I am actually comfortable with the delta function. It’s just that I am many years past grad school and was reading something (Intermediate Quantum Mechanics by Bethe) that piqued my interest in how to to show that these representations have the correct properties.
 
caz said:
I am actually comfortable with the delta function. It’s just that I am many years past grad school and was reading something (Intermediate Quantum Mechanics by Bethe) that piqued my interest in how to to show that these representations have the correct properties.
What are the properties you refer to?
 
That the integral over all space of the representations equals one. I am interested in how to do the integrals. Some of them I can solve, some of them I cannot.
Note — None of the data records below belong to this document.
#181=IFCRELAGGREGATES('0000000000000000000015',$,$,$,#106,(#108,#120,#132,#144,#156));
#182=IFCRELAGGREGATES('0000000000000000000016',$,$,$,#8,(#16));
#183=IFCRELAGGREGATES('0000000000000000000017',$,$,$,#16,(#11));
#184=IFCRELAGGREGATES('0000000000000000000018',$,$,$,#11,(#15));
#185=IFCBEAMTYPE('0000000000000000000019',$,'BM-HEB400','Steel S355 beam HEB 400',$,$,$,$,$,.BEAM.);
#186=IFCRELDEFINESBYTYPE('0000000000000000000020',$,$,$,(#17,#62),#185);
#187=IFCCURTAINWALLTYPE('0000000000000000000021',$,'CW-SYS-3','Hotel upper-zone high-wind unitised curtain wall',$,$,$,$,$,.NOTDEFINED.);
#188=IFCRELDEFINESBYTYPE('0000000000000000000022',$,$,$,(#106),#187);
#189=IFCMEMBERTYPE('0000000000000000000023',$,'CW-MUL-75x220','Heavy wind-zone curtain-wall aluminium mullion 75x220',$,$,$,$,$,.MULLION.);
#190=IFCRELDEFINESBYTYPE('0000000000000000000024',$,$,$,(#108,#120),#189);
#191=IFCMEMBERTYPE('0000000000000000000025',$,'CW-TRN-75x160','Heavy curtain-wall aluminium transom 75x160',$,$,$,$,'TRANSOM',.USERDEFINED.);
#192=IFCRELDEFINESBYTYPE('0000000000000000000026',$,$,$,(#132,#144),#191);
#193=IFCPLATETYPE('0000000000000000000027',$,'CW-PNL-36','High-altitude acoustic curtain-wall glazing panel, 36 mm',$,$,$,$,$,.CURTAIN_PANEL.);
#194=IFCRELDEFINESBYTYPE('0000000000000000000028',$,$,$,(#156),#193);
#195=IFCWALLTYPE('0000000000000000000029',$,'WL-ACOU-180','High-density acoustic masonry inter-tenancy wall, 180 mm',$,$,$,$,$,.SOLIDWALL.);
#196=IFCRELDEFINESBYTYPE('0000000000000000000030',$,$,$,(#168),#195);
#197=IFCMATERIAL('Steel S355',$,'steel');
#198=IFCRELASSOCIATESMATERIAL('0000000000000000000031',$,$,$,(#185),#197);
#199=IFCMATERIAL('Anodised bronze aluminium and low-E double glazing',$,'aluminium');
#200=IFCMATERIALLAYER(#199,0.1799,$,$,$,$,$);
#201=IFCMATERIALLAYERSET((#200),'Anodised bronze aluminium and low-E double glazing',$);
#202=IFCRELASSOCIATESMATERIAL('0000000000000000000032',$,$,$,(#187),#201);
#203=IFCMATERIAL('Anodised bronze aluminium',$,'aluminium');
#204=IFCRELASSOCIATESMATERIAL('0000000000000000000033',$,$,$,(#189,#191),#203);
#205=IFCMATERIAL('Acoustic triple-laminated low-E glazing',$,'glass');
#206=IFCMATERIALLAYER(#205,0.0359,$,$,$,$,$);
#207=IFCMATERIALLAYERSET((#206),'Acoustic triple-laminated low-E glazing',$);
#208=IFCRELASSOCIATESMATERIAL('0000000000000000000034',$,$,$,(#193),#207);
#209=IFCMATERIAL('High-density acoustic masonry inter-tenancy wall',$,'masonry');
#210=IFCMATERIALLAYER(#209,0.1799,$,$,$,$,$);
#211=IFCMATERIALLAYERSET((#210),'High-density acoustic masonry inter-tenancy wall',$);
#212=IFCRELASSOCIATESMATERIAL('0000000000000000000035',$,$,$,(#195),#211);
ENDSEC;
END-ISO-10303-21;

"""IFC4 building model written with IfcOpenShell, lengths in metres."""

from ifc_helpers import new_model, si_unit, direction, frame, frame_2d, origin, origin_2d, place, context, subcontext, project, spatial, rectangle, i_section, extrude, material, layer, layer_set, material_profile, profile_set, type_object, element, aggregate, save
I do not want to look them up in an integral table.
 
The best way (avoiding magic) to manipulate ##\delta##-functions or, generally, distributions, is by first pairing with an arbitrary (i.e. smooth, compactly supported) test function, doing the manipulations (usually involving partial integration) and limits in ##\mathbb{R}## and then, at the end, concluding that a certain identity, or limit representation holds true for the distributions in question, because the test function was chosen arbitrarily.

Any introduction to (or: containing material about) distribution theory will show you this in detail, while keeping the underlying functional analysis out, or to a minimum, so it is accessible to physicists with a good background in multivariable calculus. There is the book by Strichartz and the book by Duistermaat and Kolk, for example.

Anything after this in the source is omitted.